It’s a first release and not all of the CDM version 5 tables are populated (in particular the COST tables are not populated). If you find any issues with this data set feel free to post them on this thread.
I thought it might be a useful small data set for folks who want to run OHDSI application demos with data that can be shared publicly (this is just simulated data) and to use as test data for development.
I’d like to thank the members of the CMS ETL working group for the great specification document they created. I used the specification as a guide to generate this data set.
I second this: one of the biggest hurdles for people is getting a properly ETL’d CDM datasource that people can play around with, and this is the thing that people would need to get started.
Maybe we can add links to our ‘getting started’ guide on our tools to provide people with a sample database if they want to check if their installation worked.
One more thought: @lee_evans, do you think you could run an Achilles build off that data and provide the exported JSON files as a zip? This way people could see the achilles results separaetly from doing a full CDM installation which might be helpful.
I was looking for a simulated dataset since I do not have a full CDM on my laptop and just want to play around with some of the R packages on the road.
One small addition - the dataset has no observation_period table.
I wish there was a very clear convention on how to create observation_period table from “non-health plan” data.
Is there a better script (e.g., merging 30 day eras) that this ultra simple one?
--"create table observation_period as"
select person_id,min(visit_start_date) as observation_period_start_date,
max(visit_end_date) as observation_period_end_date
from visit_occurrence group by person_id
;
@ericaVoss, how do you tell this forum that the code block is SQL? (to get syntax highlighting?)

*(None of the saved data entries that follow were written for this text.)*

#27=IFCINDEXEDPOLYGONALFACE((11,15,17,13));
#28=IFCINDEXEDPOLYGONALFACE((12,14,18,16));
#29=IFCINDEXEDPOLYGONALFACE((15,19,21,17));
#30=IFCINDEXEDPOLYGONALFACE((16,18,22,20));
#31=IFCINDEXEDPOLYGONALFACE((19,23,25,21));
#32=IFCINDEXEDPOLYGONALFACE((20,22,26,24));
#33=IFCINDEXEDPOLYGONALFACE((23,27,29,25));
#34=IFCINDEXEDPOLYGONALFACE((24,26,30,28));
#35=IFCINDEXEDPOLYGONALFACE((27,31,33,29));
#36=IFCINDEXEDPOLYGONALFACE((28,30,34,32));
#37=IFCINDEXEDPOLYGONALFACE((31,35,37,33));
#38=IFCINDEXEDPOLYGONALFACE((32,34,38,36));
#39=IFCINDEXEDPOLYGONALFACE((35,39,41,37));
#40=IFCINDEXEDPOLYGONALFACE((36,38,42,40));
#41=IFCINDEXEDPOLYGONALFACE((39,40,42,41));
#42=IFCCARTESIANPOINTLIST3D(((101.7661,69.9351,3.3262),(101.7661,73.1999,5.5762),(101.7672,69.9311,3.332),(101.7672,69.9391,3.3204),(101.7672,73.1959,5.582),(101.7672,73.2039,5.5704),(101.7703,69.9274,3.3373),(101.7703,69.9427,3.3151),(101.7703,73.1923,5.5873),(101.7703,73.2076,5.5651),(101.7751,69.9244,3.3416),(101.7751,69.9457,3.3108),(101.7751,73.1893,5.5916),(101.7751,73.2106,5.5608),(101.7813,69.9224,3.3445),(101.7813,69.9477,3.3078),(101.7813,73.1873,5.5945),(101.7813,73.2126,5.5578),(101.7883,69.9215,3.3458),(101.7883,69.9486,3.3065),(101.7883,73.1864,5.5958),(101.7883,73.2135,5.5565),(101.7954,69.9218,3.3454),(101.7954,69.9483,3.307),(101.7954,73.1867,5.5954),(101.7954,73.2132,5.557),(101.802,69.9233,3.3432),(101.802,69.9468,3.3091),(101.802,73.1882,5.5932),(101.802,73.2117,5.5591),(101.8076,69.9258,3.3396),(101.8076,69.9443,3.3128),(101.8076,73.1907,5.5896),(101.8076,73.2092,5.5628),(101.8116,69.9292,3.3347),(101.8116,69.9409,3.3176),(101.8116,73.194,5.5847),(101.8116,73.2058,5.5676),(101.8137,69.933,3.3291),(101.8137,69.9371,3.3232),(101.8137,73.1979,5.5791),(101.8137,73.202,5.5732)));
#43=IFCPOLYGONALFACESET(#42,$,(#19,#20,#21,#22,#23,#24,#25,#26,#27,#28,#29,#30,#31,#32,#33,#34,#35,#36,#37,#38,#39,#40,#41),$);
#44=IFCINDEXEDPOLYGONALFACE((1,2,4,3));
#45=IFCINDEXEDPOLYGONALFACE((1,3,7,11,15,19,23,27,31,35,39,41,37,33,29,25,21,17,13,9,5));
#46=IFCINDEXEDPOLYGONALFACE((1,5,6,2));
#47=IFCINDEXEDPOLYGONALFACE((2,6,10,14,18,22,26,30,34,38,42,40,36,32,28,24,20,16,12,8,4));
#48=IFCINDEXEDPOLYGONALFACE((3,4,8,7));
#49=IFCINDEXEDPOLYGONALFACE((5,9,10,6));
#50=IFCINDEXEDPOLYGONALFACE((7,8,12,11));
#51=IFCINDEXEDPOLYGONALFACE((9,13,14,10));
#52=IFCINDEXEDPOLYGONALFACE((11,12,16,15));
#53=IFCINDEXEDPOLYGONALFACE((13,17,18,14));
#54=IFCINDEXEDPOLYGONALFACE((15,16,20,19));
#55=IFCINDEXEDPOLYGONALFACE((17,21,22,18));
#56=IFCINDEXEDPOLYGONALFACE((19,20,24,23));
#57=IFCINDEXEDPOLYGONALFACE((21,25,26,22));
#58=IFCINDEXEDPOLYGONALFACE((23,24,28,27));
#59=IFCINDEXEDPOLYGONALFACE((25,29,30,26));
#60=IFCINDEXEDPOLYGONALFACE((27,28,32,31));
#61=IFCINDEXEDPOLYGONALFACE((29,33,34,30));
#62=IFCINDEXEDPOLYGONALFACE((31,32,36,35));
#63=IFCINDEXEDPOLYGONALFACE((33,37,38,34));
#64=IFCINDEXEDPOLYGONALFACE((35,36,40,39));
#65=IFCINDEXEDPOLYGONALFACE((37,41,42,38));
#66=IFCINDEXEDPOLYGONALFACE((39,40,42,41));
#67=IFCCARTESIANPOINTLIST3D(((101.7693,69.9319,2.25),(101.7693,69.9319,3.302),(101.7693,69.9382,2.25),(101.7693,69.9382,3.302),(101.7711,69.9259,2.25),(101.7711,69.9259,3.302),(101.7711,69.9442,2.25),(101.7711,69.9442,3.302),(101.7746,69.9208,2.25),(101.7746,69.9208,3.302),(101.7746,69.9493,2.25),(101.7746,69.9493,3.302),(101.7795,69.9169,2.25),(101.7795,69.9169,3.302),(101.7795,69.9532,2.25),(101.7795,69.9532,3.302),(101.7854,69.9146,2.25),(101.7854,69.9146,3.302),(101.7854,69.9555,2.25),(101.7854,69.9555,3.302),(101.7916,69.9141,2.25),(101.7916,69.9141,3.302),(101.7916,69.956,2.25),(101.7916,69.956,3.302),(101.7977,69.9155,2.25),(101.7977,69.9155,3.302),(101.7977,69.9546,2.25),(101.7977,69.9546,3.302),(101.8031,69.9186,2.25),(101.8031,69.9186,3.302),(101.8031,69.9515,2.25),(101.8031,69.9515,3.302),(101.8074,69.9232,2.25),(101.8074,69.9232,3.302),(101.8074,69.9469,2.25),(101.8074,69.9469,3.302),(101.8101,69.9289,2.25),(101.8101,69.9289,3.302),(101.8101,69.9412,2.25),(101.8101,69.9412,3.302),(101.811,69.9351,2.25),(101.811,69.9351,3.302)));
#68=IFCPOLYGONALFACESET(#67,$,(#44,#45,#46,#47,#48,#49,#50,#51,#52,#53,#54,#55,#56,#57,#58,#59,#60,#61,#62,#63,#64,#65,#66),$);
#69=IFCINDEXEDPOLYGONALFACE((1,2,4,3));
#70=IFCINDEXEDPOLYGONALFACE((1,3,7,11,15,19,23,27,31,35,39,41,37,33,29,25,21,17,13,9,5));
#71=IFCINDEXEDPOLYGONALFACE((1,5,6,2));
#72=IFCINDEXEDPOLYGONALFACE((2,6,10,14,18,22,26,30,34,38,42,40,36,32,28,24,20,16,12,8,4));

@MauraBeaton I’m happy for you to upload the synpuf1k zip file directly to the OHDSI.org site if that makes it easier for folks to find. I would appreciate a link back to my company home page: http://www.ltscomputingllc.com/
on the OHDSI.org web page referencing the synpuf1k zip file.
Thanks.
@lee_evans That would be great! I’ve already included a link to your download site on the CDM page, but if we could make that sample dataset more prominent on the website, that would be ideal.
@Vojtech_Huser - GitHub uses MarkDown to style text. Basically three backquotes/grave accent, then open bracket, “SQL”, closed bracket, type your SQL statement then close it with three grave accents.

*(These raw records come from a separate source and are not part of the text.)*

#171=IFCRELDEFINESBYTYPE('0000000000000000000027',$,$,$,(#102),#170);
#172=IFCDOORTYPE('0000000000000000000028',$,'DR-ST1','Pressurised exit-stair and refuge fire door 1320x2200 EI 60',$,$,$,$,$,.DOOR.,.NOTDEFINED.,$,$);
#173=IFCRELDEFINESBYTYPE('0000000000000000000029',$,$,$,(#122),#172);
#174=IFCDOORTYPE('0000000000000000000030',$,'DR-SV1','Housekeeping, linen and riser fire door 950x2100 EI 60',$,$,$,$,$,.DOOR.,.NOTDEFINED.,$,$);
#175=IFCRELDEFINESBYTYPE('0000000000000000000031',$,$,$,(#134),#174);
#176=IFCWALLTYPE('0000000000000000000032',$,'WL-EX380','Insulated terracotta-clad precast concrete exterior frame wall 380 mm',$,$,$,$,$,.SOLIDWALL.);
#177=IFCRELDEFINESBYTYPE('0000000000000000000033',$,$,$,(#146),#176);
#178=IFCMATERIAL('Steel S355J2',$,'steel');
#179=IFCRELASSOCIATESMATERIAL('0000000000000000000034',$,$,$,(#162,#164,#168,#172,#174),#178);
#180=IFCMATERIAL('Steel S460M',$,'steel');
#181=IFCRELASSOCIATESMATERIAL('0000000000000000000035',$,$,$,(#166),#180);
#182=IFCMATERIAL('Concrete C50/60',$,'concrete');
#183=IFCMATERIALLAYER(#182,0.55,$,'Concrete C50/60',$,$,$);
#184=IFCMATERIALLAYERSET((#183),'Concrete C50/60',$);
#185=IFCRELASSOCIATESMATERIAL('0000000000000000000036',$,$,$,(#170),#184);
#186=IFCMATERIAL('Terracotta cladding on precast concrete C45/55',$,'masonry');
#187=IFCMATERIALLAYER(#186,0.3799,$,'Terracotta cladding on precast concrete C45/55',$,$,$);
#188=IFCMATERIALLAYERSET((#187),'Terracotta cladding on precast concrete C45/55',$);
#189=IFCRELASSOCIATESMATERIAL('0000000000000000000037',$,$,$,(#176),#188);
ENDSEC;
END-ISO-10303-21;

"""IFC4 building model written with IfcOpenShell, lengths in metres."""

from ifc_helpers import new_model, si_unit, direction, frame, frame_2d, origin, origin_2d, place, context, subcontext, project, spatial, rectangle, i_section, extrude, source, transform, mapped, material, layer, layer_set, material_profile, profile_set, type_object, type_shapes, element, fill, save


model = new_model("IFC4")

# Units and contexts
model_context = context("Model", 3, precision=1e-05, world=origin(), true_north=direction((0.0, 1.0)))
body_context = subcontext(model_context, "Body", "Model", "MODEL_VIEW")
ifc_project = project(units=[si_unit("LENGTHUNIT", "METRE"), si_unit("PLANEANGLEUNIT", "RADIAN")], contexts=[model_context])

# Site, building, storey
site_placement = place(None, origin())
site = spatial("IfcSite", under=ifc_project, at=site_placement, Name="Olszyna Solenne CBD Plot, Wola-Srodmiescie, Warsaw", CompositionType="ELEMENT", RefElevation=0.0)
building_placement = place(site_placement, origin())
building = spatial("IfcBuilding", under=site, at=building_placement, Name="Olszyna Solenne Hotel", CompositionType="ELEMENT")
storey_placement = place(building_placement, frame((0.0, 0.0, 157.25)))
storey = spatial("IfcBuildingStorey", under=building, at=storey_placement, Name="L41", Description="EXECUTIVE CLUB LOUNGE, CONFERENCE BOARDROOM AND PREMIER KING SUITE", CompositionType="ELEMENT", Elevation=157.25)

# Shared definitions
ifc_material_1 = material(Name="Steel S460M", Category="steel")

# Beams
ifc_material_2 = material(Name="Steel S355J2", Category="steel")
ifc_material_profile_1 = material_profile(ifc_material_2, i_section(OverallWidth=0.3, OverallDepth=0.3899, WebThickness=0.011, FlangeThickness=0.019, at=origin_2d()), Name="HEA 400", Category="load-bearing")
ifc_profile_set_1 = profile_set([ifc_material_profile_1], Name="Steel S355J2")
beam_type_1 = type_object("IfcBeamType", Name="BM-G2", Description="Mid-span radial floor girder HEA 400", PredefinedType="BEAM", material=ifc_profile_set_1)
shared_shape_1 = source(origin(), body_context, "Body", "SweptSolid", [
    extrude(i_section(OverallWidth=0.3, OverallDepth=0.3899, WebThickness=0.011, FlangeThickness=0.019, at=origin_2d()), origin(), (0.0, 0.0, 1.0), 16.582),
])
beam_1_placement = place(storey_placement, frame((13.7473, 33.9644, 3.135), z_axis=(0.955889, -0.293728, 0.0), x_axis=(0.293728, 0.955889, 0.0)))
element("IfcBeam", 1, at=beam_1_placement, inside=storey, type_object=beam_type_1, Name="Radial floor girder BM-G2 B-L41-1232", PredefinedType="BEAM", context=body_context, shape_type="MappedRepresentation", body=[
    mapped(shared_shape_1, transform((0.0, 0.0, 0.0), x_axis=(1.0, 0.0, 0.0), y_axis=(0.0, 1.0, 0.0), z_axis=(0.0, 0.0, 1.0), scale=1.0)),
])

Yeah. It’s not a good place for this. Nobody will find it there. The page is about the CDM in general, not about a specific database. We should have a little page with links to commercial help. Let me think about it.
I had trouble to import the 1k sample of CMS SynPUF data in CDM Version 5.3. So I had to alter some tables that the .csv files matches with the database. I created some SQL scripts to easily import the 1k sample data into the database.

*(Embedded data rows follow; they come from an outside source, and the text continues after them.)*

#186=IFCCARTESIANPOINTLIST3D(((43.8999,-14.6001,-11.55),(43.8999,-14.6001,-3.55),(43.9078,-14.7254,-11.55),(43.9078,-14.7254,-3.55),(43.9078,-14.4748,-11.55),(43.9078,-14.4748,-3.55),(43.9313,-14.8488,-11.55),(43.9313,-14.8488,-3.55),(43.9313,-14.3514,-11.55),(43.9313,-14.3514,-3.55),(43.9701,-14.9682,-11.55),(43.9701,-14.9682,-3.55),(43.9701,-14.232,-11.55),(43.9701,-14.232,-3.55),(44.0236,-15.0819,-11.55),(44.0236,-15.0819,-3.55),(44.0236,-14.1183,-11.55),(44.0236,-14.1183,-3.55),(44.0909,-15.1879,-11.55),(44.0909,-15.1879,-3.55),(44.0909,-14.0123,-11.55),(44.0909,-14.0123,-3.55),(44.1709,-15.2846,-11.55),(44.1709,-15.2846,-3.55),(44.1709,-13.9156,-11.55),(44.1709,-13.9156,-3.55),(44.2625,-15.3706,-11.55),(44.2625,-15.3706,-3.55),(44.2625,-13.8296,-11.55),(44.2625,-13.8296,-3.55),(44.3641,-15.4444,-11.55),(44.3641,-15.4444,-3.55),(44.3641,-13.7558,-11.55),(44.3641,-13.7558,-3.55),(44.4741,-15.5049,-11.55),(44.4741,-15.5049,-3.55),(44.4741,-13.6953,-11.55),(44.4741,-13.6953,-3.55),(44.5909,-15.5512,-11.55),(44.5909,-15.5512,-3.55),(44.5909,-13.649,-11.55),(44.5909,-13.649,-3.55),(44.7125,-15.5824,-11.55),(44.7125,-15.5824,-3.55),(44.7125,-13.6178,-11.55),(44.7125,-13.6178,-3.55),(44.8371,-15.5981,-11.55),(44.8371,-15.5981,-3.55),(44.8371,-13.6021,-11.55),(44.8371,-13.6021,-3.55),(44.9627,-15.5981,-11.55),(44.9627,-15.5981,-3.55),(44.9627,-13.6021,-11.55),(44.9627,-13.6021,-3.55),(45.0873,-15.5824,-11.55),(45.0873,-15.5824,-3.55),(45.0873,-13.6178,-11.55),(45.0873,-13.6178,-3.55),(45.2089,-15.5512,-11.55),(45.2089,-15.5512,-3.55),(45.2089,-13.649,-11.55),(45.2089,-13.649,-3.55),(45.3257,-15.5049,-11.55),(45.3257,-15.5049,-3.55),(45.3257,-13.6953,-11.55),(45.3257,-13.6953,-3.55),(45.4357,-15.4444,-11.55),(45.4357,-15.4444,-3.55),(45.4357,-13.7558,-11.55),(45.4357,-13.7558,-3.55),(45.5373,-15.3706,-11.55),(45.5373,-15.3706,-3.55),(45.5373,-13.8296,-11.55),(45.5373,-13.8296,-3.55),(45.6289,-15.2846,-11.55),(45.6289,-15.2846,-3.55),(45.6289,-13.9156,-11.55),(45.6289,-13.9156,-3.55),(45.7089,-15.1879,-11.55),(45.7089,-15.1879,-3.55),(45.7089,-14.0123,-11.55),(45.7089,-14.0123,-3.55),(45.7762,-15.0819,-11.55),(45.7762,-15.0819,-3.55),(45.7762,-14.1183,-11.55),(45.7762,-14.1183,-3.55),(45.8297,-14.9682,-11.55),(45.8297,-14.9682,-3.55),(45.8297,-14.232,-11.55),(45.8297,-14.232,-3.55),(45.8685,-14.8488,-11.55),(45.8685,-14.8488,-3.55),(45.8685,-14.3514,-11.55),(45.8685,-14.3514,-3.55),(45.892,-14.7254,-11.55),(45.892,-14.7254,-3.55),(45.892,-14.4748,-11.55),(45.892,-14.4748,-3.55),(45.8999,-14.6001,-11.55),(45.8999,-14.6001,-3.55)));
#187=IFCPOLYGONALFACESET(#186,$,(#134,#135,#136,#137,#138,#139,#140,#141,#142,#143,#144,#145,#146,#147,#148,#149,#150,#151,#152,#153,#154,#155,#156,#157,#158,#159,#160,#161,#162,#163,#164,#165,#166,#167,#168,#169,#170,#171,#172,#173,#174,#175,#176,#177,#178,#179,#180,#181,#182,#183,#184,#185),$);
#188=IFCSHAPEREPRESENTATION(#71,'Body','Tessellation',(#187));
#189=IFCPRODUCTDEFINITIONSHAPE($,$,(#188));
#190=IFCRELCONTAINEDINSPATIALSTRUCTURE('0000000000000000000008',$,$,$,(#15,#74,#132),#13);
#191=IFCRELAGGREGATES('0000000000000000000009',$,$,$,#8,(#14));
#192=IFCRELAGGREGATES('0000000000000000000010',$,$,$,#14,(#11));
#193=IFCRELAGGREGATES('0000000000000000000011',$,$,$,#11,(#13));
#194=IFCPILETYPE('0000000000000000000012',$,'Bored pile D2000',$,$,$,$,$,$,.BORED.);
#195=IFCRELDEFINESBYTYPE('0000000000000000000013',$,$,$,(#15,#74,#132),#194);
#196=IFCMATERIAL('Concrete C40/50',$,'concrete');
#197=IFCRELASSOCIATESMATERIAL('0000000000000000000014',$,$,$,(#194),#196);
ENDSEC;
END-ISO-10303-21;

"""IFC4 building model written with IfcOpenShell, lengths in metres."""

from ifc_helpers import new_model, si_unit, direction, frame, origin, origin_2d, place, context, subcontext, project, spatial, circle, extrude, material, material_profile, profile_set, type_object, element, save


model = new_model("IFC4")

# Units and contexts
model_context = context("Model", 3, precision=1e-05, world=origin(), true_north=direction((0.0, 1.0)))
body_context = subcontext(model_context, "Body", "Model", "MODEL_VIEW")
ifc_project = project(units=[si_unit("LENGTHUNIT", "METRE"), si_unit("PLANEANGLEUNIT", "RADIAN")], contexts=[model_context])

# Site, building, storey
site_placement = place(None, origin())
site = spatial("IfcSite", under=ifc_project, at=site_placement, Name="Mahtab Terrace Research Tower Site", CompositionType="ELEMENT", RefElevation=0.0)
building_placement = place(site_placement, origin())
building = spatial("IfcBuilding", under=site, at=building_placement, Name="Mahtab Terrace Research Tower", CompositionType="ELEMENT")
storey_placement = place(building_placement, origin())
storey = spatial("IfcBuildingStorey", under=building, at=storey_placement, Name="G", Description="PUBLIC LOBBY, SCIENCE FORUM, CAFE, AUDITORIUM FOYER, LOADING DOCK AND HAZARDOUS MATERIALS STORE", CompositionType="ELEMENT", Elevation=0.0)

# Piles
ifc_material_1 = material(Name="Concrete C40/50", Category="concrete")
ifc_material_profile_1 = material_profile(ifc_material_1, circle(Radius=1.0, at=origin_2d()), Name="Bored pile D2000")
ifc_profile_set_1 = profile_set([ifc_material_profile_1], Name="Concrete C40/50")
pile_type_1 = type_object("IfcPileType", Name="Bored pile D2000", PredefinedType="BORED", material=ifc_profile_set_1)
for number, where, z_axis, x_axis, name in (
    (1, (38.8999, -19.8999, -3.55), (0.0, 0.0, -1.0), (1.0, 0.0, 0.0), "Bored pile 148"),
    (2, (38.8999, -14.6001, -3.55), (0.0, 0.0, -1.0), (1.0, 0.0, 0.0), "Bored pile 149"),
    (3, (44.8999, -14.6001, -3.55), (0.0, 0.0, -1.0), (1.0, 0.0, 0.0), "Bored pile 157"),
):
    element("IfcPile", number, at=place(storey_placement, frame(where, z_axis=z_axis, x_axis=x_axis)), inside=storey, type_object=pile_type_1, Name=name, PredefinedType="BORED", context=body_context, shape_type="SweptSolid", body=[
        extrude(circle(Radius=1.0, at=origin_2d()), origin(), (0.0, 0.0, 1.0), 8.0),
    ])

@lee_evans: I can provide the files, so that people can easily import the sample data into the new CDM Version 5.3
Wow- this is so great @lee_evans! I was unable to download the files from your website- are they still available? Or, @a_cse, would you mind kindly sharing the files with me?
Thank you very much @lee_evans! I actually was able to set it up using the files from the OHDSI ftp site, but will keep an eye out for this as well. Thanks again!
Thanks @Christophe_Lambert & @ericaVoss (and others in the OHDSI community) for performing the data conversion and providing a copy of the synpuf converted data.
There is a README.md file within the zip file with additional information.